Tissue microarrays (TMAs) were constructed using primary ccRCC samples, including two cores per tumor, and two cores of non-neoplastic kidney tissue as internal negative controls. ccRCC is a paradigmatic example of inter and intratumor heterogeneity [4,30]. As a result, the same tumor may contain, for example, typical low-grade clear cells in a region and high-grade undifferentiated cells with eosinophilic cytoplasm in another one. Also, the spectrum of histologies, grades, and the amount of non-tumor interstitial cells (lymphocytes, macrophages, fibroblasts…) between different tumors is very high and unpredictable. This variability cannot be avoided in any histological study and must be taken into account when building TMAs for immunohistochemical analysis.
As a consequence, semi-quantitative scoring methods (e.g., low/medium/high) were deemed unreliable by pathologists, given the variability in stromal fibroblast content across different areas of the same tumor. Therefore, FAP expression was recorded qualitatively as either present (+) or absent (−) in the stromal fibroblasts adjacent to tumor nests. To ensure greater consistency in histological evaluation, a sample was considered positive when FAP immunostaining was present, even if this is minimal (restricted to isolated cells), and negative if no FAP immunostaining was seen at all across the sample.

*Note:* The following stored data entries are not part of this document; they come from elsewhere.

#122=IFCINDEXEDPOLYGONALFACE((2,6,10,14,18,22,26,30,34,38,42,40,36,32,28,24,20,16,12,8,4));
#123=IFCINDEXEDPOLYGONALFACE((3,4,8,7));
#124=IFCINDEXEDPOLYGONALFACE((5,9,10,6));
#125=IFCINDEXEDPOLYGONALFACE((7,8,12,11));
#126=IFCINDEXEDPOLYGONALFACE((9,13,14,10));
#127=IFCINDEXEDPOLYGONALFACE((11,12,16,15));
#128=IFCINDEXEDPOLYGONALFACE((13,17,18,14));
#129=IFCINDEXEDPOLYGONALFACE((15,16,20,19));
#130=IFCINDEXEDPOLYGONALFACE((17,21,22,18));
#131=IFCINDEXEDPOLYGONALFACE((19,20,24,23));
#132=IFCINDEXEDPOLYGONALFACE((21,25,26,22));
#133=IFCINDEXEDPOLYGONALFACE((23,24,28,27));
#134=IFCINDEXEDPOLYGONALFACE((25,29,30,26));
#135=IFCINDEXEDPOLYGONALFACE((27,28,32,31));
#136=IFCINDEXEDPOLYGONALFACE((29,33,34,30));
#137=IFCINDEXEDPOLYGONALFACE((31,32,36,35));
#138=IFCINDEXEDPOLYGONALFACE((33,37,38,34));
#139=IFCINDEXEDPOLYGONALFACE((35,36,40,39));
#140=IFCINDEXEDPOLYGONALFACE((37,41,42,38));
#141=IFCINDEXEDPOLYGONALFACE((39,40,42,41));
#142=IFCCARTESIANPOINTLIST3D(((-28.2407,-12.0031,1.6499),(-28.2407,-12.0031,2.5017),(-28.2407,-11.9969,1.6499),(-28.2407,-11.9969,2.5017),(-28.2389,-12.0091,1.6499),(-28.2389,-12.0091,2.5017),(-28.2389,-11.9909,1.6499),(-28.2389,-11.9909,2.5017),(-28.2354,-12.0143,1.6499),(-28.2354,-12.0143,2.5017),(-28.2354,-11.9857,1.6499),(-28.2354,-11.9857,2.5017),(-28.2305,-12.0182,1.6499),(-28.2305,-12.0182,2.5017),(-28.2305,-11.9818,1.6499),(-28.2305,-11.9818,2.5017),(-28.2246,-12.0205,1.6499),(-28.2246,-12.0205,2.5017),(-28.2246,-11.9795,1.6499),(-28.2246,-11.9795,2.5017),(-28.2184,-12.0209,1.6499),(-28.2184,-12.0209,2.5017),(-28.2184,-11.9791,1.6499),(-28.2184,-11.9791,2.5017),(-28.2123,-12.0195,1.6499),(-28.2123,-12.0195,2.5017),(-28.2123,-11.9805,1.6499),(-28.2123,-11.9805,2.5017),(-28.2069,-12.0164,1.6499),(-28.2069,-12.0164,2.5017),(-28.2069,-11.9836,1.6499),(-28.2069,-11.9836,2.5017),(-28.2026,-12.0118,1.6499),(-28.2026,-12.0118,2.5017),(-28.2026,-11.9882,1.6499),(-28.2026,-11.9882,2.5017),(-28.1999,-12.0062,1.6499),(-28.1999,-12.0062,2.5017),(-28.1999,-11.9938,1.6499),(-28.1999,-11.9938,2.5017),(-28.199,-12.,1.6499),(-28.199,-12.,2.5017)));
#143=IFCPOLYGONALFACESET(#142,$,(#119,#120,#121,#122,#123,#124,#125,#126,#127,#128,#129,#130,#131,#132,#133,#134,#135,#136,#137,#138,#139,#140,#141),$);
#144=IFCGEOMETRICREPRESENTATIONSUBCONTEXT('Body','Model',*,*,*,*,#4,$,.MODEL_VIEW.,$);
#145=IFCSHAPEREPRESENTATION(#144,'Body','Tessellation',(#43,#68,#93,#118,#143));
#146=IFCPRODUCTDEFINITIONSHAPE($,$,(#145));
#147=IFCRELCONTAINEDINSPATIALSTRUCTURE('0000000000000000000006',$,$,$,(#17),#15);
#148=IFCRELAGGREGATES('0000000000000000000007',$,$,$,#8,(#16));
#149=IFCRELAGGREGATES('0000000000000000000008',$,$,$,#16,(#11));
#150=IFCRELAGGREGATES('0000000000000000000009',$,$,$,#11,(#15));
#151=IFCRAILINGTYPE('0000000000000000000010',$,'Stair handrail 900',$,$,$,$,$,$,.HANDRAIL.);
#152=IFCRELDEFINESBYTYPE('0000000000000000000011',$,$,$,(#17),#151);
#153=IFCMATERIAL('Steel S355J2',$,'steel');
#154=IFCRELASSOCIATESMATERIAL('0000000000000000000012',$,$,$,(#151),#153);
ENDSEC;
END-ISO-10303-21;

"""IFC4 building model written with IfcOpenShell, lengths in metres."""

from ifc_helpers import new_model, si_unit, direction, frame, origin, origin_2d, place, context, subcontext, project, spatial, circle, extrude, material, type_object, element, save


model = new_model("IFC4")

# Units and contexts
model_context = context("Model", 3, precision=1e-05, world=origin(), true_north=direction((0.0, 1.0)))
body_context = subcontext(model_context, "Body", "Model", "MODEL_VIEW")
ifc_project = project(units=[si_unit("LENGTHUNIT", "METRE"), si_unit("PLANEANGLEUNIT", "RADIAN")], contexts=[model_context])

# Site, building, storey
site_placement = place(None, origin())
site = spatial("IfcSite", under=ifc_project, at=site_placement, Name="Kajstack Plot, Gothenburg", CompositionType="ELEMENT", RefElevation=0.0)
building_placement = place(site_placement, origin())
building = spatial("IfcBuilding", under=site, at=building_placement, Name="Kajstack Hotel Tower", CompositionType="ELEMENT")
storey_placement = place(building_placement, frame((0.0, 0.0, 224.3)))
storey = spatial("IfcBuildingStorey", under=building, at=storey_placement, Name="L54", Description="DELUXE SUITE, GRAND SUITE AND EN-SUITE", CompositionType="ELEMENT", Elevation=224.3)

We have considered that the quantification of the percentage of FAP positive cells with respect to the total non-tumor cells in such a small fragment of tissue (2.5 mm in diameter cores) may introduce unnecessary bias in the analysis. For this reason, we favored the simplicity in the evaluation to strengthen intra and inter-observer reproducibility. Two independent observers (JDSI and JIL) blindly evaluated all the samples; in the isolated cases of discrepancy, the slides were re-reviewed under a multi-head microscope to reach a consensus. If one of the two cores of each case in the series showed FAP positive CAFs, the case was classified as positive [16,18].

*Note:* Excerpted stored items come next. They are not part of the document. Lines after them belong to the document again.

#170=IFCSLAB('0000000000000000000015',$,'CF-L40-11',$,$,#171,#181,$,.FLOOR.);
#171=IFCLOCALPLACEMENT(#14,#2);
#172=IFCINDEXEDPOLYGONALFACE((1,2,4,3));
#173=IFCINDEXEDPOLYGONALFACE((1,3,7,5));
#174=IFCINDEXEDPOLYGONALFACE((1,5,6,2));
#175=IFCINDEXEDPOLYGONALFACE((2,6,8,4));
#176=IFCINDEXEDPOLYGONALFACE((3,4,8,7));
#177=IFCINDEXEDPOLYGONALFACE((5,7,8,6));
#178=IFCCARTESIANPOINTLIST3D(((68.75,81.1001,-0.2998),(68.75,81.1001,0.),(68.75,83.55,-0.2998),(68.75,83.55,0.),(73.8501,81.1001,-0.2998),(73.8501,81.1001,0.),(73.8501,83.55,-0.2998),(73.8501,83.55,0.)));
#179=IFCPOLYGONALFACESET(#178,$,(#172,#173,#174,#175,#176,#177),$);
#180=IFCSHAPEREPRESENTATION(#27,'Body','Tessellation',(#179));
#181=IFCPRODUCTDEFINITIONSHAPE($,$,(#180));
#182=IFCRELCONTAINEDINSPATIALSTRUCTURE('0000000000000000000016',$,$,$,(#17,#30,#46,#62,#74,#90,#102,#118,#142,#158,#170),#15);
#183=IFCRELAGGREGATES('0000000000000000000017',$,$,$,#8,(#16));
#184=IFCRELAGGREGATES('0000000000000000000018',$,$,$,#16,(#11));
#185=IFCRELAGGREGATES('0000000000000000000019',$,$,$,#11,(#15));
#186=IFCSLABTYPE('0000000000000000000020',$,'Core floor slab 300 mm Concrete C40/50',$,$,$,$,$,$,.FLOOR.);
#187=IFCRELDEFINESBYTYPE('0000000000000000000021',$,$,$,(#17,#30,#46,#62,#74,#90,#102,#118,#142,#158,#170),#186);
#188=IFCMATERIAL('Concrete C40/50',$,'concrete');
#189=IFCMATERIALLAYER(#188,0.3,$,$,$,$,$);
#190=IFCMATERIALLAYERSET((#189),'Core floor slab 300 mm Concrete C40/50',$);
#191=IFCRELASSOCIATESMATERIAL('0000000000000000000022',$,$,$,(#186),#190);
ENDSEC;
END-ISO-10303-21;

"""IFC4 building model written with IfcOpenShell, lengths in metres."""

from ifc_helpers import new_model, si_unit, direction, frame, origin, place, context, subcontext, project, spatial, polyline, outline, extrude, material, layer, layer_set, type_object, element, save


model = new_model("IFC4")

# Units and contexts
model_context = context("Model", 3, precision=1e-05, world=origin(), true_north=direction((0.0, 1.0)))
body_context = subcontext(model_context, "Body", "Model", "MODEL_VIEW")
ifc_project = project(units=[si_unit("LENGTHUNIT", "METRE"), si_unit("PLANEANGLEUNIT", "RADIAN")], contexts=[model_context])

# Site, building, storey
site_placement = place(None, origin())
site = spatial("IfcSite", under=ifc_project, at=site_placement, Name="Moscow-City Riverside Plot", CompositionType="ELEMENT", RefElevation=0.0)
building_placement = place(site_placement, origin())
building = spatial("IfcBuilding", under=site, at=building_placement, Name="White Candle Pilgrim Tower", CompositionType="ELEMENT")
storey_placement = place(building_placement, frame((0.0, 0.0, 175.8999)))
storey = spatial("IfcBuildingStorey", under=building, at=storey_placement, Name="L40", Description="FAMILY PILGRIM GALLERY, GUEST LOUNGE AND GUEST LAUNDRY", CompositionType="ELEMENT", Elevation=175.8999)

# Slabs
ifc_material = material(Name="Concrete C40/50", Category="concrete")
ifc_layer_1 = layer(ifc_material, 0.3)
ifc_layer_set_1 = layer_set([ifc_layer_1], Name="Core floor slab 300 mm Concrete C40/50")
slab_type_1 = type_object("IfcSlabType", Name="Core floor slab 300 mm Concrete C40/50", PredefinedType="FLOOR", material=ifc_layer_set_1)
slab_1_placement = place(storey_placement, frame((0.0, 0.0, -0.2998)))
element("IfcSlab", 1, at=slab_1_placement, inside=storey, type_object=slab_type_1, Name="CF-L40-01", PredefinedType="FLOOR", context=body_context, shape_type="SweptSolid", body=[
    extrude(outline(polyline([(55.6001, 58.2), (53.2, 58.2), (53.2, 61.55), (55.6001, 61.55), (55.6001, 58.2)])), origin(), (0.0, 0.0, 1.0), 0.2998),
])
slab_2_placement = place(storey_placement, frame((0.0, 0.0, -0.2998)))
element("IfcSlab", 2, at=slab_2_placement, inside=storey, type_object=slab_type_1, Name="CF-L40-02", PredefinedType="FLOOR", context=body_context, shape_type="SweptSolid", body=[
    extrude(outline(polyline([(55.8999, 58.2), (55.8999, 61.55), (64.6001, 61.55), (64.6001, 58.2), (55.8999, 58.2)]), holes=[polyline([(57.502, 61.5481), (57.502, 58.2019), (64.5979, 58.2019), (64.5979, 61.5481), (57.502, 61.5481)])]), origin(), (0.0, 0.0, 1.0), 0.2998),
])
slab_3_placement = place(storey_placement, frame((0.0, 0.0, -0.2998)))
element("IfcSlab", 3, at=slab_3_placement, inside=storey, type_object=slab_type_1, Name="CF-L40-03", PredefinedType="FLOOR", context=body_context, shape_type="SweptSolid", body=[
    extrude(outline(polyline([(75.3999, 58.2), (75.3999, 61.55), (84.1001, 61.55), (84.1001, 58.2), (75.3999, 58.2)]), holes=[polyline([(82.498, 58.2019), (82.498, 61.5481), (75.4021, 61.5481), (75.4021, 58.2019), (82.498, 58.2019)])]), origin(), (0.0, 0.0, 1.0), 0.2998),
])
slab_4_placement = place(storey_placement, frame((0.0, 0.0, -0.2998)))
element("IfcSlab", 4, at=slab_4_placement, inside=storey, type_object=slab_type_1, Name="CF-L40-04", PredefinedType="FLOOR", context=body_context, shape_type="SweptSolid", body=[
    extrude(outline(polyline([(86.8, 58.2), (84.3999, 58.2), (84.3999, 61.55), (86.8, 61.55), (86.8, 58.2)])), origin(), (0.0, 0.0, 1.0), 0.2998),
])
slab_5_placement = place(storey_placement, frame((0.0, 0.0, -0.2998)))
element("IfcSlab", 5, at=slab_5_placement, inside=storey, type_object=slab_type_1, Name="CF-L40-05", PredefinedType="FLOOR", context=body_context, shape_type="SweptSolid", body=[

4.3. Statistical and In Silico Analysis

Associations between categorical variables—including FAP expression (negative vs. positive), pathological features, and treatment response—were assessed using the Chi-square (χ2) test.
Survival analyses for OS and DFS were carried out using Kaplan–Meier estimates and compared with the log-rank test. To determine independent prognostic factors, univariate and multivariate Cox proportional hazards regression models were applied, using the backward stepwise (Wald) elimination method.
All statistical analyses were conducted using SPSS® software, version 28.0 (IBM Corp., Armonk, NY, USA).
To visualize TCGA data (Supplementary Figure S1) from kidney renal clear cell carcinoma (KIRC), we used GEPIA2 (http://gepia2.cancer-pku.cn, accessed on 8 October 2025); and R2: Genomics Analysis and Visualization Platform (http://r2.amc.nl, accessed on 8 October 2025).

5. Conclusions

This study reinforces the clinical significance of FAP expression in the tumor stroma of advanced ccRCC. We validated its association with adverse pathological features and demonstrated its potential as a prognostic biomarker of disease recurrence and overall survival. Importantly, we also identified a link between low stromal FAP expression and complete response to TKI therapy, highlighting its potential utility as a predictive biomarker. Taken together, these findings support the role of FAP as a marker of tumor aggressiveness, risk stratification and therapeutic response, and warrant further investigation into its integration into routine pathological assessment and clinical decision-making in ccRCC.

Supplementary Materials

The following supporting information can be downloaded at: https://www.mdpi.com/article/10.3390/ijms262211112/s1.

Author Contributions

Conceptualization, G.L., M.R.M., J.I.L. and J.C.A.; Data curation, G.L. and J.C.A.; Microscopic evaluation, J.D.S.-I. and J.I.L.; Formal analysis, M.R.M., C.H.L. and M.A.; Funding acquisition, G.L., C.E.N.-X., R.P. and C.H.L.; Investigation, B.S., J.D.S.-I., C.E.N.-X., M.A., D.L. and A.M.I. Project administration, G.L., J.C.A. and J.I.L.; Supervision, G.L., J.C.A., R.P. and J.I.L.; Writing—original draft, M.R.M., J.C.A. and G.L.; Writing—review and editing, M.R.M., B.S., J.D.S.-I., C.E.N.-X., M.A., D.L., A.M.I., C.H.L., R.P., J.I.L., J.C.A. and G.L. All authors have read and agreed to the published version of the manuscript.

Funding

This project was supported by grants from the Basque Government (KK-202400003 and IT1524-22). C.E.N.-X. is funded by Instituto de Salud Carlos III (CP20/00008 and PI22/00386) (Spain, cofounded by the European Union).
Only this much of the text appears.